= Non-Desarguesian plane =

Projective plane not satisfying Desargues' theorem

In mathematics, a non-Desarguesian plane is a projective plane (or sometimes an affine plane) that does not satisfy Desargues' theorem (named after Girard Desargues), or in other words a plane that is not a Desarguesian plane. The theorem of Desargues is true in all projective spaces of dimension not 2; in other words, the only projective spaces of dimension not equal to 2 are the classical projective geometries over a field (or division ring). However, David Hilbert found that some projective planes do not satisfy it. The current state of knowledge of these examples is not complete.

== Examples ==
There are many examples of both finite and infinite non-Desarguesian planes. Some of the known examples of infinite non-Desarguesian planes include:
- The Moulton plane.
- Moufang planes over alternative division algebras that are not associative, such as the projective plane over the octonions. Since all finite alternative division rings are fields (Artin–Zorn theorem), the only non-Desarguesian Moufang planes are infinite.

Regarding finite non-Desarguesian planes, every projective plane of order at most 8 is Desarguesian, but there are three non-Desarguesian examples of order 9, each with 91 points and 91 lines. They are:
- The Hughes plane of order 9.
- The Hall plane of order 9. Initially discovered by Veblen and Wedderburn, this plane was generalized to an infinite family of planes by Marshall Hall. Hall planes are a subclass of the more general André planes.
- The dual of the Hall plane of order 9.

Numerous other constructions of both finite and infinite non-Desarguesian planes are known, see for example Dembowski (1968). All known constructions of finite non-Desarguesian planes produce planes whose order is a proper prime power, that is, an integer of the form p^{e}, where p is a prime and e is an integer greater than 1.

== Classification ==
Hanfried Lenz gave a classification scheme for projective planes in 1954, which was refined by Adriano Barlotti in 1957. This classification scheme is based on the types of point-line transitivity permitted by the collineation group of the plane and is known as the Lenz-Barlotti classification of projective planes. The list of 53 types is given in Dembowski (1968) and a table of the then known existence results (for both collineation groups and planes having such a collineation group) in both the finite and infinite cases appears on page 126. As of 2007, "36 of them exist as finite groups. Between 7 and 12 exist as finite projective planes, and either 14 or 15 exist as infinite projective planes."

Other classification schemes exist. One of the simplest is based on special types of planar ternary ring (PTR) that can be used to coordinatize the projective plane. These types are fields, skewfields, alternative division rings, semifields, nearfields, right nearfields, quasifields and right quasifields.

== Conics and ovals ==
In a Desarguesian projective plane a conic can be defined in several different ways that can be proved to be equivalent. In non-Desarguesian planes these proofs are no longer valid and the different definitions can give rise to non-equivalent objects. Theodore G. Ostrom had suggested the name conicoid for these conic-like figures but did not provide a formal definition and the term does not seem to be widely used.

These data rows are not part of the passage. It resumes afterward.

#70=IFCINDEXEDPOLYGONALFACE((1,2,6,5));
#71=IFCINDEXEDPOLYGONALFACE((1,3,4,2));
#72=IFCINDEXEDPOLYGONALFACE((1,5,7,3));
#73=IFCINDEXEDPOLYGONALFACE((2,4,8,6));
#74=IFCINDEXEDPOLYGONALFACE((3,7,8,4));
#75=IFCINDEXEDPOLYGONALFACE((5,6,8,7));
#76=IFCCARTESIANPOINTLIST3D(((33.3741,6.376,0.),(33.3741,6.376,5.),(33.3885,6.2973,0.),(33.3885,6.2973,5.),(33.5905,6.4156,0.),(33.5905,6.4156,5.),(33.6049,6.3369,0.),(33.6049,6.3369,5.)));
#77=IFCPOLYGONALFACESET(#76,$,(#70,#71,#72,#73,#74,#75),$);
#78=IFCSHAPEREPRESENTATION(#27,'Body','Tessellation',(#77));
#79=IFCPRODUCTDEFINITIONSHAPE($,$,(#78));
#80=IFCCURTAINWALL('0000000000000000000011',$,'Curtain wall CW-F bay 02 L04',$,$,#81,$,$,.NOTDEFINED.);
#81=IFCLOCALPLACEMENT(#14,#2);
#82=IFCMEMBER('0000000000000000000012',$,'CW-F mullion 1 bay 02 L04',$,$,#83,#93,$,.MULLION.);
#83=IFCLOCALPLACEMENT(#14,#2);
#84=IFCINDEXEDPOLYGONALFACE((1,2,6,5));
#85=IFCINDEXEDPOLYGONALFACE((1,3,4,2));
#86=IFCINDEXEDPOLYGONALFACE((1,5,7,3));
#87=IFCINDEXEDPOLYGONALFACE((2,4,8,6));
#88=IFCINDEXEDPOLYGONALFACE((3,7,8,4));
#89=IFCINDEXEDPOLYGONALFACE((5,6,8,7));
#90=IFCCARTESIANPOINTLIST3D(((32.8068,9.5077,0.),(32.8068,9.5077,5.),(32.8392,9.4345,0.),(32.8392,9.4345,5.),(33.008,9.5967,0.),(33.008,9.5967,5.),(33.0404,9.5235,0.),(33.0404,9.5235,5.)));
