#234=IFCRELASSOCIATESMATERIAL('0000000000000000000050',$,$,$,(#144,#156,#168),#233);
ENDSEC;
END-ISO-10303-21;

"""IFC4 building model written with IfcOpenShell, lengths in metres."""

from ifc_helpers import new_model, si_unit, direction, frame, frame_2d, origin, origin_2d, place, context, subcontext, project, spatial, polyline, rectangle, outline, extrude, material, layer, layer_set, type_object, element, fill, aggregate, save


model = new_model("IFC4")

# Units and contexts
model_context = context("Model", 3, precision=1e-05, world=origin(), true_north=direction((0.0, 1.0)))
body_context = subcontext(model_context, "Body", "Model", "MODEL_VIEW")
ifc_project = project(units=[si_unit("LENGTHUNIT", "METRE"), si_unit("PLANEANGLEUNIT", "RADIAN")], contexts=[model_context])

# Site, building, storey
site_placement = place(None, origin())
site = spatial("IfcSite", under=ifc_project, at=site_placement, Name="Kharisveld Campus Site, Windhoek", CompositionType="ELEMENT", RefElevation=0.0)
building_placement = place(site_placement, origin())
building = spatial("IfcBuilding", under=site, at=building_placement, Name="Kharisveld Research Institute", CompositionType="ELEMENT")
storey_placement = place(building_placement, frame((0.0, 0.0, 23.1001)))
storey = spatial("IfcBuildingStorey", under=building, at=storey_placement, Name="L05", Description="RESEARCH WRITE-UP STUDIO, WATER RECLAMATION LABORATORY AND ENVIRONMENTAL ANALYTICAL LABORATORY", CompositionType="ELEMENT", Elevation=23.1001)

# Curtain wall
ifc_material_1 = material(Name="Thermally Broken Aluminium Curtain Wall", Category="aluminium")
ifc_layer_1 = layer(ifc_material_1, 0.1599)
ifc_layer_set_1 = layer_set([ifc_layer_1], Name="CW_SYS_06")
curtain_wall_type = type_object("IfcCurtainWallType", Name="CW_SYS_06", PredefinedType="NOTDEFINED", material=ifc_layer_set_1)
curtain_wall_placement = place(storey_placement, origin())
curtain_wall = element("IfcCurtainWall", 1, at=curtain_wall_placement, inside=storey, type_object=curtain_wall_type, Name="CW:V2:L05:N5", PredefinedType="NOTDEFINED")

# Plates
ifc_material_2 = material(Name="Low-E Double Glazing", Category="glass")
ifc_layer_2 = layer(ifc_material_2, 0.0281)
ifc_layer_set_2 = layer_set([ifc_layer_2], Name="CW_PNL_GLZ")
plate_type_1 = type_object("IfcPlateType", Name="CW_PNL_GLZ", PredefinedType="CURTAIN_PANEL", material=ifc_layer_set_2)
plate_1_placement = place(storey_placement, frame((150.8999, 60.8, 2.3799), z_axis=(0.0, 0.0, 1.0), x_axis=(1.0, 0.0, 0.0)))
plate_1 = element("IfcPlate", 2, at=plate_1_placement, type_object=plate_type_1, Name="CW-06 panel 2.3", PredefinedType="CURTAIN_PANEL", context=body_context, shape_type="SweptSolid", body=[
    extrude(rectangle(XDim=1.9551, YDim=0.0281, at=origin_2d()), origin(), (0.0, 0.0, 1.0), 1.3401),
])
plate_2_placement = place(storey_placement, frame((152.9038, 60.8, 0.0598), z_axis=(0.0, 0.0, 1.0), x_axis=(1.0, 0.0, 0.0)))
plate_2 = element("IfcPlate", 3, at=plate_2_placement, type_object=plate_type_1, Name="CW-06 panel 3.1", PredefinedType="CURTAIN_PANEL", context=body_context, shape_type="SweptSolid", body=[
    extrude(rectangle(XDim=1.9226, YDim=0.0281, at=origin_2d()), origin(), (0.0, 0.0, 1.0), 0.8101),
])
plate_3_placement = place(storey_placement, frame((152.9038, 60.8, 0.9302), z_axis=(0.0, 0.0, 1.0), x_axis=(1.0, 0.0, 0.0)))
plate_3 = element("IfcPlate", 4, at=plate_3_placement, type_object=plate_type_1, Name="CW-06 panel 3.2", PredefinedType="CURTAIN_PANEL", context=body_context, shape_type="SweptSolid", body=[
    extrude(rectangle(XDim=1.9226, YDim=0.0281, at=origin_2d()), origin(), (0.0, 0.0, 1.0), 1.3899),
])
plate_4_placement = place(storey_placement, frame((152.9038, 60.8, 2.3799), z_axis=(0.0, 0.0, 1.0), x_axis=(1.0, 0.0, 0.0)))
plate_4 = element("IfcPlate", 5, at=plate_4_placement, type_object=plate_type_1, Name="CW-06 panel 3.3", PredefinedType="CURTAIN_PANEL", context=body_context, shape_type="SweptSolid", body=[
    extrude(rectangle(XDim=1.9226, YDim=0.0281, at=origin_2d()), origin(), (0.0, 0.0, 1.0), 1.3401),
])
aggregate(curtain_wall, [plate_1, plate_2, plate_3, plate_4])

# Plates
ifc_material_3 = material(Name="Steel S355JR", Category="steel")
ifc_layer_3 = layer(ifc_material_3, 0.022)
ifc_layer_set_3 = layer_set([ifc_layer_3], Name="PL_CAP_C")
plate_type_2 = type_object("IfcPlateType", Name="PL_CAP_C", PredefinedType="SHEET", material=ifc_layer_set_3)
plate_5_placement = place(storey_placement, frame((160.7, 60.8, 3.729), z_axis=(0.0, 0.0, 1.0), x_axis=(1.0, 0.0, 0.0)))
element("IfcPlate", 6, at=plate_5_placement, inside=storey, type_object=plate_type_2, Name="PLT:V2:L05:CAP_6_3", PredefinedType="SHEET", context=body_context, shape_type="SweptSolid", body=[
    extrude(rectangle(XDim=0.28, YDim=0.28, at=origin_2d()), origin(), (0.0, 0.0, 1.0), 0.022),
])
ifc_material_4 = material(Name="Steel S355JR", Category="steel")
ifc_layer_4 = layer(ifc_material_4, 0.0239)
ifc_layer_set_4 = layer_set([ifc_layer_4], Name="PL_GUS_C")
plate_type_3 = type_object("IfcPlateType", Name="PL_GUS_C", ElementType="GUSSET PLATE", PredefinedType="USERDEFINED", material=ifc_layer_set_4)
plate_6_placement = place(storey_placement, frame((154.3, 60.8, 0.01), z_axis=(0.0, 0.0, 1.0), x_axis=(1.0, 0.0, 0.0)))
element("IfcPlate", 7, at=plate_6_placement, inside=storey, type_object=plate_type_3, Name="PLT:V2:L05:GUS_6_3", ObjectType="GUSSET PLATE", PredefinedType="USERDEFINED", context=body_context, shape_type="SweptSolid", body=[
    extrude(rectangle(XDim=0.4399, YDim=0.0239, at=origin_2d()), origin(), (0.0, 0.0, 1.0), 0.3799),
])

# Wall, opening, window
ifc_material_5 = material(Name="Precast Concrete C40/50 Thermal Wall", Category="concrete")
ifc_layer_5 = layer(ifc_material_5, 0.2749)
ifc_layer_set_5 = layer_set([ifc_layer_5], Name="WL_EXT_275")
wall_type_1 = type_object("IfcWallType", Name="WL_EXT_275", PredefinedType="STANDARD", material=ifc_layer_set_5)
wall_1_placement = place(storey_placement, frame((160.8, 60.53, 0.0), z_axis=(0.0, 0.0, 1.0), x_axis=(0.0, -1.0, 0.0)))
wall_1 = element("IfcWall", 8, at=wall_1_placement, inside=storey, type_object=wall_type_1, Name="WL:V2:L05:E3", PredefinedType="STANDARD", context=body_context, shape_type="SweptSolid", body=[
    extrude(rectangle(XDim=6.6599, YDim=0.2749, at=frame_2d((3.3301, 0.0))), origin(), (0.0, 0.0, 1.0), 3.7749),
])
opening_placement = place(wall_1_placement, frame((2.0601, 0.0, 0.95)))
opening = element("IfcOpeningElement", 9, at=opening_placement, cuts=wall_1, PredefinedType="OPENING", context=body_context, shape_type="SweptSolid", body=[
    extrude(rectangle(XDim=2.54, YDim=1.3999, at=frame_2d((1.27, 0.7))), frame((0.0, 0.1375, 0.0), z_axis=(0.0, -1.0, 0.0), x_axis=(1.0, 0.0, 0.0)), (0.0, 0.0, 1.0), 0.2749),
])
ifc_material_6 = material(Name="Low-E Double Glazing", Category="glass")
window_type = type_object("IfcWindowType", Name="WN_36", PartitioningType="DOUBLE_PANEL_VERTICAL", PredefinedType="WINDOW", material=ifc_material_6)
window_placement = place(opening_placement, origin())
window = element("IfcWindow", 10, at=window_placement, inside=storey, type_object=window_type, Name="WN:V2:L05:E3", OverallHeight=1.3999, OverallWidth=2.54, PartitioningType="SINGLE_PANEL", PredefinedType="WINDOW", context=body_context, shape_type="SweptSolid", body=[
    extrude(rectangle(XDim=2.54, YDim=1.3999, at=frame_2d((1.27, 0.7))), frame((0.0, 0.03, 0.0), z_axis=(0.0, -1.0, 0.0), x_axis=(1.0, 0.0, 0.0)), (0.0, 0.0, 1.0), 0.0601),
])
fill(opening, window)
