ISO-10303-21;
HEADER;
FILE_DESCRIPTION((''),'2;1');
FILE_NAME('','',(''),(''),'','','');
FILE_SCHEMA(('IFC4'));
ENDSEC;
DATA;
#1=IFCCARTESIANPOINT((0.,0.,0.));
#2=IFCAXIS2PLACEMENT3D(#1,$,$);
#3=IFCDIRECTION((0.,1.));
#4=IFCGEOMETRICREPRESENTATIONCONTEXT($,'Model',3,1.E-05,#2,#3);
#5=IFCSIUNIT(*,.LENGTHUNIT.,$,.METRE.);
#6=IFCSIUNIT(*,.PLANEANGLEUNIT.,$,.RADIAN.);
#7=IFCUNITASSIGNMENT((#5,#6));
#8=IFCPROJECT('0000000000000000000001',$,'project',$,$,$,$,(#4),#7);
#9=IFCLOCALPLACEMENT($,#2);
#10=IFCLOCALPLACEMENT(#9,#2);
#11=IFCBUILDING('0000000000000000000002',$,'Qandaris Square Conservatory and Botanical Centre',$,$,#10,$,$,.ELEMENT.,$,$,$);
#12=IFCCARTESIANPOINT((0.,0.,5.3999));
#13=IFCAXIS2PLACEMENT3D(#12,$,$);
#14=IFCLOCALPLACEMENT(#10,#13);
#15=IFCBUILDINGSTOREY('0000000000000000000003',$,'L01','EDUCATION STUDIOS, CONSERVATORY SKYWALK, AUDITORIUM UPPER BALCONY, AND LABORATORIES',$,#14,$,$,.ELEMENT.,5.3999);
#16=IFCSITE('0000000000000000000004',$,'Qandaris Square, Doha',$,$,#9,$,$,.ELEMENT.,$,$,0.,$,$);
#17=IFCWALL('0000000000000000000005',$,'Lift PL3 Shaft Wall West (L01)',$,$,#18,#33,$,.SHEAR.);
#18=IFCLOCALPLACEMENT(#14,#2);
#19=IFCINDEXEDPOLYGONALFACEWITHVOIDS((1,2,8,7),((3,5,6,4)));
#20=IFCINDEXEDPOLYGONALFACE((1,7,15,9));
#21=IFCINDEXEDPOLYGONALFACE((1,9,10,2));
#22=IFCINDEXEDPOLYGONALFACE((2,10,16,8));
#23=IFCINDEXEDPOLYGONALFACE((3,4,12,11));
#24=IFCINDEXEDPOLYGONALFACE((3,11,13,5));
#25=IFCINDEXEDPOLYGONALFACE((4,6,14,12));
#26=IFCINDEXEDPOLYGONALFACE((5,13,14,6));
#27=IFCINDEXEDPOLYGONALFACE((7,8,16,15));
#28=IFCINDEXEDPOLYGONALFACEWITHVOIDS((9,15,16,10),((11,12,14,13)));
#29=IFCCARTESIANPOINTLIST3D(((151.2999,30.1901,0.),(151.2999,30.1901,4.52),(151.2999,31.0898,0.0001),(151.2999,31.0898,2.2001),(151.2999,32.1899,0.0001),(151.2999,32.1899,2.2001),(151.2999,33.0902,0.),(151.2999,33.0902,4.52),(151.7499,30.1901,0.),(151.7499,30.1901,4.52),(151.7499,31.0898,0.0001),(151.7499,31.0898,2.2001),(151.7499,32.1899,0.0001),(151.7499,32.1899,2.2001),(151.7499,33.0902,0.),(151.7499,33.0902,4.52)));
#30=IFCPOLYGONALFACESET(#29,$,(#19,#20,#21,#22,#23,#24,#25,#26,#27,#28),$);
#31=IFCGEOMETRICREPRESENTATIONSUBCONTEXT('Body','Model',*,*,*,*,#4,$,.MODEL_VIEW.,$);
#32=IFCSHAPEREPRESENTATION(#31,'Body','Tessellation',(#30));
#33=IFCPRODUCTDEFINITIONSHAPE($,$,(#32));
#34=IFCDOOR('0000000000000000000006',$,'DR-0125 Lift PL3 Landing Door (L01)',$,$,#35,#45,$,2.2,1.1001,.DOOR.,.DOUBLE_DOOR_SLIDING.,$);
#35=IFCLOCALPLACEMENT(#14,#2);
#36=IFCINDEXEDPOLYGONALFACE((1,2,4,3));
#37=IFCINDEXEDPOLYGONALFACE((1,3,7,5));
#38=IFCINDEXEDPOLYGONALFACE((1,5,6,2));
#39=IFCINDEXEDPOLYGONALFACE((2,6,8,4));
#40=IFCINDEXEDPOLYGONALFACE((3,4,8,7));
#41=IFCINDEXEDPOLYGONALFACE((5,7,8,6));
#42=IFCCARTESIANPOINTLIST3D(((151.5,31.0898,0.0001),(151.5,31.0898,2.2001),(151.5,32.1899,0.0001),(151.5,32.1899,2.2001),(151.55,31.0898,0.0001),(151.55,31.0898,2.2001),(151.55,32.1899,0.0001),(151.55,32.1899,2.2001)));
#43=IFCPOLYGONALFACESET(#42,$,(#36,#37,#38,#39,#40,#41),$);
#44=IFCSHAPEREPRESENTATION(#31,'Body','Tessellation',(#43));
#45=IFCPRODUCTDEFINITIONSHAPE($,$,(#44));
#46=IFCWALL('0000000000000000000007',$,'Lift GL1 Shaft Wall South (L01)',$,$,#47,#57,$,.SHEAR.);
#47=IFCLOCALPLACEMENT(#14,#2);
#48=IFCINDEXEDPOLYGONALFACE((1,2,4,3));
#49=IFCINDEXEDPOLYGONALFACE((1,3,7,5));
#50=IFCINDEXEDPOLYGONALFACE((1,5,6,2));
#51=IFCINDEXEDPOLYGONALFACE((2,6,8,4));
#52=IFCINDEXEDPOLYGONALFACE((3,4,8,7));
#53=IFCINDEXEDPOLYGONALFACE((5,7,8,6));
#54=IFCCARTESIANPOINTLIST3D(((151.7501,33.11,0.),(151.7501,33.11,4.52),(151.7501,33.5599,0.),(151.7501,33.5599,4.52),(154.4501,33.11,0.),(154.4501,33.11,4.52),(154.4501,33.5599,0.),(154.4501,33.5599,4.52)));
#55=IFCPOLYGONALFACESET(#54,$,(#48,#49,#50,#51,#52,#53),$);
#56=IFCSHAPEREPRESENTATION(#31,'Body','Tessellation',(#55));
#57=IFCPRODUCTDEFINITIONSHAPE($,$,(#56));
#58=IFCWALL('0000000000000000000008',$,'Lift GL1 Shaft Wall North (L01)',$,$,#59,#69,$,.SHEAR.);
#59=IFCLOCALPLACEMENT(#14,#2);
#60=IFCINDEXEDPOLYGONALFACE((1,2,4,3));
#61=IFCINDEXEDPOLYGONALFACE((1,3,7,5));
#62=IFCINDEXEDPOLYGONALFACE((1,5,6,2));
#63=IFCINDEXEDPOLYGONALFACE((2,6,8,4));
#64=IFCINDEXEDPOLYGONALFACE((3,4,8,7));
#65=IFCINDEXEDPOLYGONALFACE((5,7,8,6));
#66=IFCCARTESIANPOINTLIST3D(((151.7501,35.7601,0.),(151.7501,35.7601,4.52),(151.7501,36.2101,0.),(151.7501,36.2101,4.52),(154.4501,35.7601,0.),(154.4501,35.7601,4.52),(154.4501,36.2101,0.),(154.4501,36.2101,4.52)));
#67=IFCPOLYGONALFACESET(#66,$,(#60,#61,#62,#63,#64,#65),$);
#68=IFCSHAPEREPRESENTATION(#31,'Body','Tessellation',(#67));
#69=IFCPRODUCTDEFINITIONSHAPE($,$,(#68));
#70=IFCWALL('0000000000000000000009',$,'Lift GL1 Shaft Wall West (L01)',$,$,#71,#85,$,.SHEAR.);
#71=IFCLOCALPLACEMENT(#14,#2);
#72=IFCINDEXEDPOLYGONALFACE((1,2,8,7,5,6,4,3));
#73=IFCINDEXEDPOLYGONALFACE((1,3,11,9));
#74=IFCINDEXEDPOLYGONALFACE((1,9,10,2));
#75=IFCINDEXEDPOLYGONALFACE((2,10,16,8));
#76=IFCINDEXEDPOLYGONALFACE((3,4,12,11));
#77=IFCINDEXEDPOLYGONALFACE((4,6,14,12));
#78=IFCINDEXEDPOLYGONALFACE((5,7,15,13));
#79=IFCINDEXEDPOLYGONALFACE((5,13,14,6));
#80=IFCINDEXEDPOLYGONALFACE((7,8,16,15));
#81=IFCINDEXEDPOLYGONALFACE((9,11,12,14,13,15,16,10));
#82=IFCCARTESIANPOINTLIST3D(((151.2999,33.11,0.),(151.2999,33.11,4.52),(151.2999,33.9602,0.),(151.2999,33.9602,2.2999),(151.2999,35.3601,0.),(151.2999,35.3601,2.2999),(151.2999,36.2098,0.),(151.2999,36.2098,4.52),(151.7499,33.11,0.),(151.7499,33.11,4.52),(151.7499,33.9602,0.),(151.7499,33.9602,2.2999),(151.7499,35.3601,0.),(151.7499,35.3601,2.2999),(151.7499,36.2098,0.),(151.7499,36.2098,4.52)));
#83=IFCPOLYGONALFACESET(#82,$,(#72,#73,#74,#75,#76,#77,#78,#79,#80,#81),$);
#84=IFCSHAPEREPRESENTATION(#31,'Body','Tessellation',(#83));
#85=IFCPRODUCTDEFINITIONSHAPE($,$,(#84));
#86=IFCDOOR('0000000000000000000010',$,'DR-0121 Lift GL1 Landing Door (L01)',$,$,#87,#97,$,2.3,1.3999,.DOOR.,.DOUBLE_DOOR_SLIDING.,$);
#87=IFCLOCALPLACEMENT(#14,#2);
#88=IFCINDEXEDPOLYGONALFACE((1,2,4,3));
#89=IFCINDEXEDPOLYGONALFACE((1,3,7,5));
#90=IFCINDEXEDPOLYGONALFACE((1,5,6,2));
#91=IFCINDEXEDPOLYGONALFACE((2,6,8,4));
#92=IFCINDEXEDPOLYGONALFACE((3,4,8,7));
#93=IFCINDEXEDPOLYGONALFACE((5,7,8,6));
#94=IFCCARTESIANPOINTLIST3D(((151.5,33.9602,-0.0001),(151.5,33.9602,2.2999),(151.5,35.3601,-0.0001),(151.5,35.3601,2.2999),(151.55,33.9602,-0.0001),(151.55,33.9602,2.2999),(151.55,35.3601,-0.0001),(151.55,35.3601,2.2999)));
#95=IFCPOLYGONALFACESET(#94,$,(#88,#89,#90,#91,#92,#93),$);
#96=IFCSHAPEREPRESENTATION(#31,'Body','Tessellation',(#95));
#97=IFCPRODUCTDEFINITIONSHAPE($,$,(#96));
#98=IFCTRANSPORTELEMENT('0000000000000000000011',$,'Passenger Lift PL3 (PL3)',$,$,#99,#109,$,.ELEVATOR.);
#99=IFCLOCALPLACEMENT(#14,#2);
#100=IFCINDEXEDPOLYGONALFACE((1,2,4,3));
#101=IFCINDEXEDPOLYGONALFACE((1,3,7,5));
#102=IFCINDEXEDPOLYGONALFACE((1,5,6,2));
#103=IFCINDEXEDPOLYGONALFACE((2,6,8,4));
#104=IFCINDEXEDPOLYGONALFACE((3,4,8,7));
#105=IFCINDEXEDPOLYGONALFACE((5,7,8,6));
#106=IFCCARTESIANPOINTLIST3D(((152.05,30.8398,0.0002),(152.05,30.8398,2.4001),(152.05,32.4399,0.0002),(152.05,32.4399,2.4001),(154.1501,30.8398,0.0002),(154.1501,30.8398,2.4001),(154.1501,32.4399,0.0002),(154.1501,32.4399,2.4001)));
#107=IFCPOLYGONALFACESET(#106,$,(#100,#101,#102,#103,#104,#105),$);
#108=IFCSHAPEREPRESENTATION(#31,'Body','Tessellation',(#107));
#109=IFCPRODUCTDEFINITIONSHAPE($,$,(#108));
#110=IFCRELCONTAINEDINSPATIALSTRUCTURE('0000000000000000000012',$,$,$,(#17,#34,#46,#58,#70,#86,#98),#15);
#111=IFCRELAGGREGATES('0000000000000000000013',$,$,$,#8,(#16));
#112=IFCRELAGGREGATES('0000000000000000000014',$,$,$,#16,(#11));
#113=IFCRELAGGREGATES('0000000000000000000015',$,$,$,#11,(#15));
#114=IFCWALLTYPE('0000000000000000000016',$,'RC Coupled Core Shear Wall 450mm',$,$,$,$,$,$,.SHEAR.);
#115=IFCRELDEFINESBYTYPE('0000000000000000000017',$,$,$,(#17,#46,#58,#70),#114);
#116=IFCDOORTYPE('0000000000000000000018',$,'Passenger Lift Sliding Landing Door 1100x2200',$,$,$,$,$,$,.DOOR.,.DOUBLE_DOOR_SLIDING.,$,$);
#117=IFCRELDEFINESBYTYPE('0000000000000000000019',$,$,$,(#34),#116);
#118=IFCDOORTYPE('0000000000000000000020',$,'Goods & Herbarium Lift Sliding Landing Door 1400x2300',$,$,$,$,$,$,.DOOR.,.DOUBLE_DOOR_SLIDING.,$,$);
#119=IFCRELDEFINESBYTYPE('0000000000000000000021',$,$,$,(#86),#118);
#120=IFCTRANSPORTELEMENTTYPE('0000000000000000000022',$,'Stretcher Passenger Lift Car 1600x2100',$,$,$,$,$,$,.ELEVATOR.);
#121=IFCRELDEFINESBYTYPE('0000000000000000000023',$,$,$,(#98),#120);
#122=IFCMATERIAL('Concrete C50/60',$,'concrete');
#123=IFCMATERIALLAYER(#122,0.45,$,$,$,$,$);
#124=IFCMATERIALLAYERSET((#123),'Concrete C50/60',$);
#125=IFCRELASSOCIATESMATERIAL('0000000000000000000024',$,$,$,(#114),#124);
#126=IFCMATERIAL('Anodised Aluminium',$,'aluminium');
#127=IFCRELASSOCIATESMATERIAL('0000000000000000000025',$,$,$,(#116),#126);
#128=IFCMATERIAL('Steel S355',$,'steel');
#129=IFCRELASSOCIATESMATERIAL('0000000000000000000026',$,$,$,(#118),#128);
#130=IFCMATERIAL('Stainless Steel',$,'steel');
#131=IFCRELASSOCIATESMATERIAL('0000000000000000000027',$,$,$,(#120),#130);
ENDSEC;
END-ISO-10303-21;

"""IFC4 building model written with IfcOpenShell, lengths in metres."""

from ifc_helpers import new_model, si_unit, direction, frame, frame_2d, origin, origin_2d, place, context, subcontext, project, spatial, rectangle, extrude, material, layer, layer_set, type_object, element, fill, save


model = new_model("IFC4")

# Units and contexts
model_context = context("Model", 3, precision=1e-05, world=origin(), true_north=direction((0.0, 1.0)))
body_context = subcontext(model_context, "Body", "Model", "MODEL_VIEW")
ifc_project = project(units=[si_unit("LENGTHUNIT", "METRE"), si_unit("PLANEANGLEUNIT", "RADIAN")], contexts=[model_context])

# Site, building, storey
site_placement = place(None, origin())
site = spatial("IfcSite", under=ifc_project, at=site_placement, Name="Qandaris Square, Doha", CompositionType="ELEMENT", RefElevation=0.0)
building_placement = place(site_placement, origin())
building = spatial("IfcBuilding", under=site, at=building_placement, Name="Qandaris Square Conservatory and Botanical Centre", CompositionType="ELEMENT")
storey_placement = place(building_placement, frame((0.0, 0.0, 5.3999)))
storey = spatial("IfcBuildingStorey", under=building, at=storey_placement, Name="L01", Description="EDUCATION STUDIOS, CONSERVATORY SKYWALK, AUDITORIUM UPPER BALCONY, AND LABORATORIES", CompositionType="ELEMENT", Elevation=5.3999)

# Shared definitions
ifc_material_1 = material(Name="Concrete C50/60", Category="concrete")

# Shared definitions
ifc_material_2 = material(Name="Steel S355", Category="steel")

# Shared definitions
ifc_layer_1 = layer(ifc_material_1, 0.45)
ifc_layer_set_1 = layer_set([ifc_layer_1], Name="Concrete C50/60")
wall_type_1 = type_object("IfcWallType", Name="RC Coupled Core Shear Wall 450mm", PredefinedType="SHEAR", material=ifc_layer_set_1)

# Shared definitions
ifc_material_3 = material(Name="Anodised Aluminium", Category="aluminium")
door_type_1 = type_object("IfcDoorType", Name="Passenger Lift Sliding Landing Door 1100x2200", OperationType="DOUBLE_DOOR_SLIDING", PredefinedType="DOOR", material=ifc_material_3)

# Wall, opening, door
wall_1_placement = place(storey_placement, frame((151.5249, 30.1899, 0.0), z_axis=(0.0, 0.0, 1.0), x_axis=(0.0, 1.0, 0.0)))
wall_1 = element("IfcWall", 1, at=wall_1_placement, inside=storey, type_object=wall_type_1, Name="Lift PL3 Shaft Wall West (L01)", PredefinedType="SHEAR", context=body_context, shape_type="SweptSolid", body=[
    extrude(rectangle(XDim=2.9001, YDim=0.45, at=frame_2d((1.4502, 0.0))), origin(), (0.0, 0.0, 1.0), 4.52),
])
opening_1_placement = place(wall_1_placement, frame((0.8999, 0.0, 0.0)))
opening_1 = element("IfcOpeningElement", 2, at=opening_1_placement, cuts=wall_1, PredefinedType="OPENING", context=body_context, shape_type="SweptSolid", body=[
    extrude(rectangle(XDim=1.1001, YDim=2.2, at=frame_2d((0.55, 1.1001))), frame((0.0, 0.2368, 0.0), z_axis=(0.0, -1.0, 0.0), x_axis=(1.0, 0.0, 0.0)), (0.0, 0.0, 1.0), 0.4739),
])
door_1_placement = place(opening_1_placement, origin())
door_1 = element("IfcDoor", 3, at=door_1_placement, inside=storey, type_object=door_type_1, Name="DR-0125 Lift PL3 Landing Door (L01)", OperationType="DOUBLE_DOOR_SLIDING", OverallHeight=2.2, OverallWidth=1.1001, PredefinedType="DOOR", context=body_context, shape_type="SweptSolid", body=[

There are several ways that conics can be defined in Desarguesian planes:
1. The set of absolute points of a polarity is known as a von Staudt conic. If the plane is defined over a field of characteristic two, only degenerate conics are obtained.
2. The set of points of intersection of corresponding lines of two pencils which are projectively, but not perspectively, related is known as a Steiner conic. If the pencils are perspectively related, the conic is degenerate.
3. The set of points whose coordinates satisfy an irreducible homogeneous equation of degree two.

Furthermore, in a finite Desarguesian plane:
1. - A set of q + 1 points, no three collinear in PG(2, q) is called an oval. If q is odd, by Segre's theorem, an oval in PG(2, q) is a conic, in sense 3 above.
2. An Ostrom conic is based on a generalization of harmonic sets.

Artzy has given an example of a Steiner conic in a Moufang plane which is not a von Staudt conic. Garner gives an example of a von Staudt conic that is not an Ostrom conic in a finite semifield plane.